On peut ne jamais avoir lu un livre et pourtant y penser souvent. C’est le cas d’un livre intitulé The Best écrit par Peter Passell un de mes amis étudiants d’il y a plus de 40 ans (1). Il y est question de ce qu’il y a de mieux dans chaque consommation : chaussures, vins, hôtels, romans… Fameux programme. Je me souviens d’un tour de France gastronomique qu’il avait fait grâce à ses piges pour le New York Times. Il en était revenu avec la liste des meilleurs vins, entrées, plats, fromages, desserts qu’il avait dégustés. Je me demandais s’il avait pris le temps de voir ce qu’il y a de mieux en  France : ses paysages et son architecture. Depuis il a fait une belle carrière de journaliste et j’imagine que la vie lui a appris que le mieux est l’ennemi du bien.
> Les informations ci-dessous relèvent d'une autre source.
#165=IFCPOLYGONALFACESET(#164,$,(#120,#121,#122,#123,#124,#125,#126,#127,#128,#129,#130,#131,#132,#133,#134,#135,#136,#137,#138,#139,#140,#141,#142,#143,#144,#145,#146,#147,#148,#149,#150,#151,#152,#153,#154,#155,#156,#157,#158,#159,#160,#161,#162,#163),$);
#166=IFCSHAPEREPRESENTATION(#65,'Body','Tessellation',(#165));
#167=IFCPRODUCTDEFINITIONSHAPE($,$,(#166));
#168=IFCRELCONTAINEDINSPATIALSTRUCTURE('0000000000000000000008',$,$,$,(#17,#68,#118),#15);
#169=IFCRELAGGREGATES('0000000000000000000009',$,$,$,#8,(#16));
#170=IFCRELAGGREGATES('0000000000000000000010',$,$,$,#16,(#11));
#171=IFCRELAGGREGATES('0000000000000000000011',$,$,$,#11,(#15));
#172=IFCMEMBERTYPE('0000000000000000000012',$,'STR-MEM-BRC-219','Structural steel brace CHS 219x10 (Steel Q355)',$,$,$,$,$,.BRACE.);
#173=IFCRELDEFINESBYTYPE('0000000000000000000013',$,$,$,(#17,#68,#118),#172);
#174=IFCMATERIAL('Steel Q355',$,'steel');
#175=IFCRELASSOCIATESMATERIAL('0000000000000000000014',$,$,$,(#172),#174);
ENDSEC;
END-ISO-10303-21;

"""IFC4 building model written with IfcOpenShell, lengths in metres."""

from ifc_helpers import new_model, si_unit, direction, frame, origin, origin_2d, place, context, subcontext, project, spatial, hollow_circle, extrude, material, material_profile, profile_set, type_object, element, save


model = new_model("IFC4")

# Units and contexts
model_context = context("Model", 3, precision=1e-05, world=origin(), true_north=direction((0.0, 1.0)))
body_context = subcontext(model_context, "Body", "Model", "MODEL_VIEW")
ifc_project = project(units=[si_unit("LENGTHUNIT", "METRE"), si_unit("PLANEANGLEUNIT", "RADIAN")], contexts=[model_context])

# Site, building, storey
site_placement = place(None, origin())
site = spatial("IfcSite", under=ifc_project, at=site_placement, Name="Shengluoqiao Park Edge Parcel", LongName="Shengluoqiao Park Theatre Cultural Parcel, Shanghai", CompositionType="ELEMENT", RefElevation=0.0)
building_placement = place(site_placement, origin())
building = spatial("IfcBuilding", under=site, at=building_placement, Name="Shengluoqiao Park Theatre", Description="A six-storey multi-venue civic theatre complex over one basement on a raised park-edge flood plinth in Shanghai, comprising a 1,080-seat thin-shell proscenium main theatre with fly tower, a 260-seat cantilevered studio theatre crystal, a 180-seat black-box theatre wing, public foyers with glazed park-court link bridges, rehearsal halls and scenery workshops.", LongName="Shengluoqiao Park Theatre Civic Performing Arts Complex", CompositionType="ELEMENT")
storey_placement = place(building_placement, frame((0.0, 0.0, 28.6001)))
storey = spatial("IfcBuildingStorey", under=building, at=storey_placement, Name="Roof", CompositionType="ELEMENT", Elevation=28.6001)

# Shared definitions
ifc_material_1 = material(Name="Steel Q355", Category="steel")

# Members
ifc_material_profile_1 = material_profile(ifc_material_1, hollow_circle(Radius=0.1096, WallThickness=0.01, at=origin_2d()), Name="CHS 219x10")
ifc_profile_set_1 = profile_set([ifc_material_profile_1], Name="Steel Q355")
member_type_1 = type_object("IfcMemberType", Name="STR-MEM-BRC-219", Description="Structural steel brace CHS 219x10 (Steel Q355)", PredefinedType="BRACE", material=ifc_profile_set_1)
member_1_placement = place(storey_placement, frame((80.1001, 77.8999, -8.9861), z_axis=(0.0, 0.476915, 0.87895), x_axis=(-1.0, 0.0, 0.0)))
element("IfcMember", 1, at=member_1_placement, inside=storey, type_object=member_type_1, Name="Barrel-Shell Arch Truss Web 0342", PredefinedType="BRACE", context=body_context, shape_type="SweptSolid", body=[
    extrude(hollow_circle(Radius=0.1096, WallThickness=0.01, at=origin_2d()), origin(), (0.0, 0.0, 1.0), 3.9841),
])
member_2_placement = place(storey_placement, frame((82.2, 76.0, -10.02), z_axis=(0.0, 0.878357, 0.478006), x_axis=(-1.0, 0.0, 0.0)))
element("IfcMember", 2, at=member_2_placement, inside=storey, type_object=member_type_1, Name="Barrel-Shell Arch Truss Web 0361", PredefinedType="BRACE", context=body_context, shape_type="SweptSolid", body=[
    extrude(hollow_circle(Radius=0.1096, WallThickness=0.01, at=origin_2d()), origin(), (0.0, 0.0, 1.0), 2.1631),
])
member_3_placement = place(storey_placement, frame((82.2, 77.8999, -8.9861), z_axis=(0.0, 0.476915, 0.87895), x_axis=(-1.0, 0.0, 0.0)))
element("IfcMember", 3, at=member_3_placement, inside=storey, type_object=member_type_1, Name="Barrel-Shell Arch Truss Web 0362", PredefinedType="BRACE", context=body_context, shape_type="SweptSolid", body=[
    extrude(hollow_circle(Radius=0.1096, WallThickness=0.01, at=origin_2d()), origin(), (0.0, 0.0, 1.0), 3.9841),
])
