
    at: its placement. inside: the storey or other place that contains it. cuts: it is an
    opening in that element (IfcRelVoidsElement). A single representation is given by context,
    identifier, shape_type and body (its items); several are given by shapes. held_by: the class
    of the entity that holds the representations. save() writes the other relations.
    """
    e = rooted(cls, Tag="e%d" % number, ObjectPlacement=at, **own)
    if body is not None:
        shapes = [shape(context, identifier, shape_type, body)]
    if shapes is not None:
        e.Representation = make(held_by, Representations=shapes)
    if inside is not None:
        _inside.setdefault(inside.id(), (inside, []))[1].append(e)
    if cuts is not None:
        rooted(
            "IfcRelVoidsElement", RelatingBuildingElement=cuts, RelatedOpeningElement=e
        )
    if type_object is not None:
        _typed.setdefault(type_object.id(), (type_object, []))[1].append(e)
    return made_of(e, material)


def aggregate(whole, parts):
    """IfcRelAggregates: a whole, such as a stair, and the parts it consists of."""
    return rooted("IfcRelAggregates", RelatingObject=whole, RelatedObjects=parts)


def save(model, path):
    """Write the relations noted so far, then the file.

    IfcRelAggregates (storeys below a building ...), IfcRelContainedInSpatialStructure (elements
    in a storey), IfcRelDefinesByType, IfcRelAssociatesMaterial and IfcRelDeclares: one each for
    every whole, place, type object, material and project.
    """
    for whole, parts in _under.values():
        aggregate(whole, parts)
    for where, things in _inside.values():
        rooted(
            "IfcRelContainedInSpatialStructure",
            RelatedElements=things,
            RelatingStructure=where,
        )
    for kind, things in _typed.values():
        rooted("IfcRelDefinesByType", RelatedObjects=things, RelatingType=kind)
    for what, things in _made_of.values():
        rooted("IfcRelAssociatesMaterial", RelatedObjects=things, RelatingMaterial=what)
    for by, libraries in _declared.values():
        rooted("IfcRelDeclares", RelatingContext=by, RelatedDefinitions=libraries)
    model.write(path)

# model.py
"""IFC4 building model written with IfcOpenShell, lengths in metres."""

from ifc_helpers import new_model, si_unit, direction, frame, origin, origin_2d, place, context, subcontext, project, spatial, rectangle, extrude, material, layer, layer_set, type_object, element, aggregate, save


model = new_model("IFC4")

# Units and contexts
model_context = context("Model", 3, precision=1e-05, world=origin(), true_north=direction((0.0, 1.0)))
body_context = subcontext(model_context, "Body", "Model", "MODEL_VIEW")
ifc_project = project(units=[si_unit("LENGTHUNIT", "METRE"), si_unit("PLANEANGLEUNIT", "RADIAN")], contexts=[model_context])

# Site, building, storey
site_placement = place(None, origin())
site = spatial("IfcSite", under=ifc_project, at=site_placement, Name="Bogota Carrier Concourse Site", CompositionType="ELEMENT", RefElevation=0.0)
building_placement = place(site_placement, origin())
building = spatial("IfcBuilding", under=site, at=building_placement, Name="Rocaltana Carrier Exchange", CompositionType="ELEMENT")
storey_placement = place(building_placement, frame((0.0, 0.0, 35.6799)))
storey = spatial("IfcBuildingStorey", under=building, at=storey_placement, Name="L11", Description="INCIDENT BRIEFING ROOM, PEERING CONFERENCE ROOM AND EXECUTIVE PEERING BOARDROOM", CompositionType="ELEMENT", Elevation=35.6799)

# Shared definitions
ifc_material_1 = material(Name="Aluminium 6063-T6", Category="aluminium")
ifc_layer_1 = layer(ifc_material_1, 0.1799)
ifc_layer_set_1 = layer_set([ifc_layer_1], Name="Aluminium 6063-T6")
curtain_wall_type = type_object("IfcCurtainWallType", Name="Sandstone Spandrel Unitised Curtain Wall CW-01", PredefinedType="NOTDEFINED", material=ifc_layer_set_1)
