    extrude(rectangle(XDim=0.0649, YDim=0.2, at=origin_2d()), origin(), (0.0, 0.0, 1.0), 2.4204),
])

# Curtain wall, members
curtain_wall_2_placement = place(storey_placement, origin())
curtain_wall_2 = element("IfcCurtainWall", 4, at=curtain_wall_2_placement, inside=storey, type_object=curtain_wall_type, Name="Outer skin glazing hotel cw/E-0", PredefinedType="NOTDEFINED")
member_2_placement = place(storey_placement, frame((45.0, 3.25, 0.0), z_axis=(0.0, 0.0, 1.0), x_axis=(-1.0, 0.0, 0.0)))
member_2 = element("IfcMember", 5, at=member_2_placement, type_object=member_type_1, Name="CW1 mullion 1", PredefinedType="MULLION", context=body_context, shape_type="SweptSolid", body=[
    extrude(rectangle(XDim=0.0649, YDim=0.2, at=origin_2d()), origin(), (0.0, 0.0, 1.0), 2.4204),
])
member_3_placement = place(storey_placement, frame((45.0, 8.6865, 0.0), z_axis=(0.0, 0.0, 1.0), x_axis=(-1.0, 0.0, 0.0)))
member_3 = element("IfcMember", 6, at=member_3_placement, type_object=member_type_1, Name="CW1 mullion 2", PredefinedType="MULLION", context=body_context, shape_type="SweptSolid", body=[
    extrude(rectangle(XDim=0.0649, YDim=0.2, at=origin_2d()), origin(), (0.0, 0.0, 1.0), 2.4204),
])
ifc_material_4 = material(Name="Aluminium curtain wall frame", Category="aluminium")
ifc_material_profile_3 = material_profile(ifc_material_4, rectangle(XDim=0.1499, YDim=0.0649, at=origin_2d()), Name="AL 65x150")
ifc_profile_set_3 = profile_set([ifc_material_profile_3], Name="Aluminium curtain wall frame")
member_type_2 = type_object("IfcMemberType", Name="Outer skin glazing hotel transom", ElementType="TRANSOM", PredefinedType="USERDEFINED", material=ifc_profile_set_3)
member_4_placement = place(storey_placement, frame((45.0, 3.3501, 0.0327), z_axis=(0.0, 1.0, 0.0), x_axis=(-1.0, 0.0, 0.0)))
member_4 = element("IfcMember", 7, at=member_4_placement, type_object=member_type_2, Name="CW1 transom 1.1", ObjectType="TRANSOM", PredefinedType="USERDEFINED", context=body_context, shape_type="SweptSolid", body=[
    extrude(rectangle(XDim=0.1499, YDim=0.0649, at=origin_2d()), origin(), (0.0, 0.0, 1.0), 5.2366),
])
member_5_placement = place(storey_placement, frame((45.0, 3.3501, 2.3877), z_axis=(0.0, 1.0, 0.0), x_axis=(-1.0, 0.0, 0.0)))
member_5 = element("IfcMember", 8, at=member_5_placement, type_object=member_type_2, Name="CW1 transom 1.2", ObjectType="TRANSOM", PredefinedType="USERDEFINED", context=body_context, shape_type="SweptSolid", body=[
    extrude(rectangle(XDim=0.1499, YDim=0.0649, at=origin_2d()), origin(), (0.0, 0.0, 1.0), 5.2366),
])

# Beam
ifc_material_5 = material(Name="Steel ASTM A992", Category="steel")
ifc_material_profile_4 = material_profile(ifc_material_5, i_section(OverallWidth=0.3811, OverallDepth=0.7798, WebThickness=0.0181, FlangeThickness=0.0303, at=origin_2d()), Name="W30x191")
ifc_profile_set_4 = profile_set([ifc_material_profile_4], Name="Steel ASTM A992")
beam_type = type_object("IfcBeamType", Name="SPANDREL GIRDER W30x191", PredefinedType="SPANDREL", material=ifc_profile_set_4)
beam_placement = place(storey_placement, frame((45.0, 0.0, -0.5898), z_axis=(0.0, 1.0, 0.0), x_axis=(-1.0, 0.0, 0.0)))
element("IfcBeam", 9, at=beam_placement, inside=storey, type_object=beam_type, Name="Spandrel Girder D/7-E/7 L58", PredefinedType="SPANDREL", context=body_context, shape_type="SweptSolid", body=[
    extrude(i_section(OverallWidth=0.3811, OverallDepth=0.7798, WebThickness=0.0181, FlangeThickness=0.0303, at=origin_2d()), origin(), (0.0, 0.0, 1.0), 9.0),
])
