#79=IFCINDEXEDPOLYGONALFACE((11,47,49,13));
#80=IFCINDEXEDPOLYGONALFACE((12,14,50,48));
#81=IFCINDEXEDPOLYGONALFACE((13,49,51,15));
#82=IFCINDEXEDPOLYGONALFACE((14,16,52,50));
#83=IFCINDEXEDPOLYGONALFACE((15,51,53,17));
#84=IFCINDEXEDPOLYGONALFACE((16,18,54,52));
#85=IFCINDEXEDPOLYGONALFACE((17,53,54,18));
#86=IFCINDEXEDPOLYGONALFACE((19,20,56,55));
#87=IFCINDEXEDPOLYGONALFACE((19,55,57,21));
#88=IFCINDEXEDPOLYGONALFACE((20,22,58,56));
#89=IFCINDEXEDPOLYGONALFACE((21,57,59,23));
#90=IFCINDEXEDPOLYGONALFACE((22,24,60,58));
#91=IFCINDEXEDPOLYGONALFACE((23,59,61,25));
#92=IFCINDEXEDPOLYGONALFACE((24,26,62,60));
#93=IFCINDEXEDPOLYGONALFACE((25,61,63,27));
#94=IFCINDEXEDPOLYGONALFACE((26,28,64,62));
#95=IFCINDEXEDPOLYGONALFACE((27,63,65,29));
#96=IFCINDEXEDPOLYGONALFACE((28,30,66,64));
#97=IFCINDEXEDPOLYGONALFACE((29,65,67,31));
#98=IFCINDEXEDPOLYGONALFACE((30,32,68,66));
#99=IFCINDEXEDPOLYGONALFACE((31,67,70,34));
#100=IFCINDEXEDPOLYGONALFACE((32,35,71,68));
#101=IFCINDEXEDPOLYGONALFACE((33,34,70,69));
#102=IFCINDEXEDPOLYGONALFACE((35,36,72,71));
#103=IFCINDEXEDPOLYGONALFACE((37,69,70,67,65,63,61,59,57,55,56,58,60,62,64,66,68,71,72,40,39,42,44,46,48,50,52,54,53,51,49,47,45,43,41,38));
Mais pourquoi parler de ce livre que je n’ai jamais lu ? Parce qu’il ne se passe pas une semaine sans qu’un ami, un parent, un inconnu ne me dise avec fierté qu’il sait où trouver les meilleurs macarons du monde, le neurochirurgien le plus compétent, le garagiste le plus astucieux et l’investisseur le plus futé. Très souvent on vous cite un médecin, un conseiller fiscal, un agent immobilier dont vous savez pertinemment qu’il n’a pas très bonne réputation mais vous n’avez pas le cœur de contredire votre interlocuteur enthousiaste. Après tout, la confiance que l’on a dans un praticien est essentielle à la réussite de son intervention.

Se persuader que le gâteau que l’on offre vient de la meilleure pâtisserie ou que le spécialiste que l’on consulte est le meilleur de la ville voire du pays, pourquoi pas ? Cela donne le moral et souvent ce type d’information est invérifiable. Et pourtant…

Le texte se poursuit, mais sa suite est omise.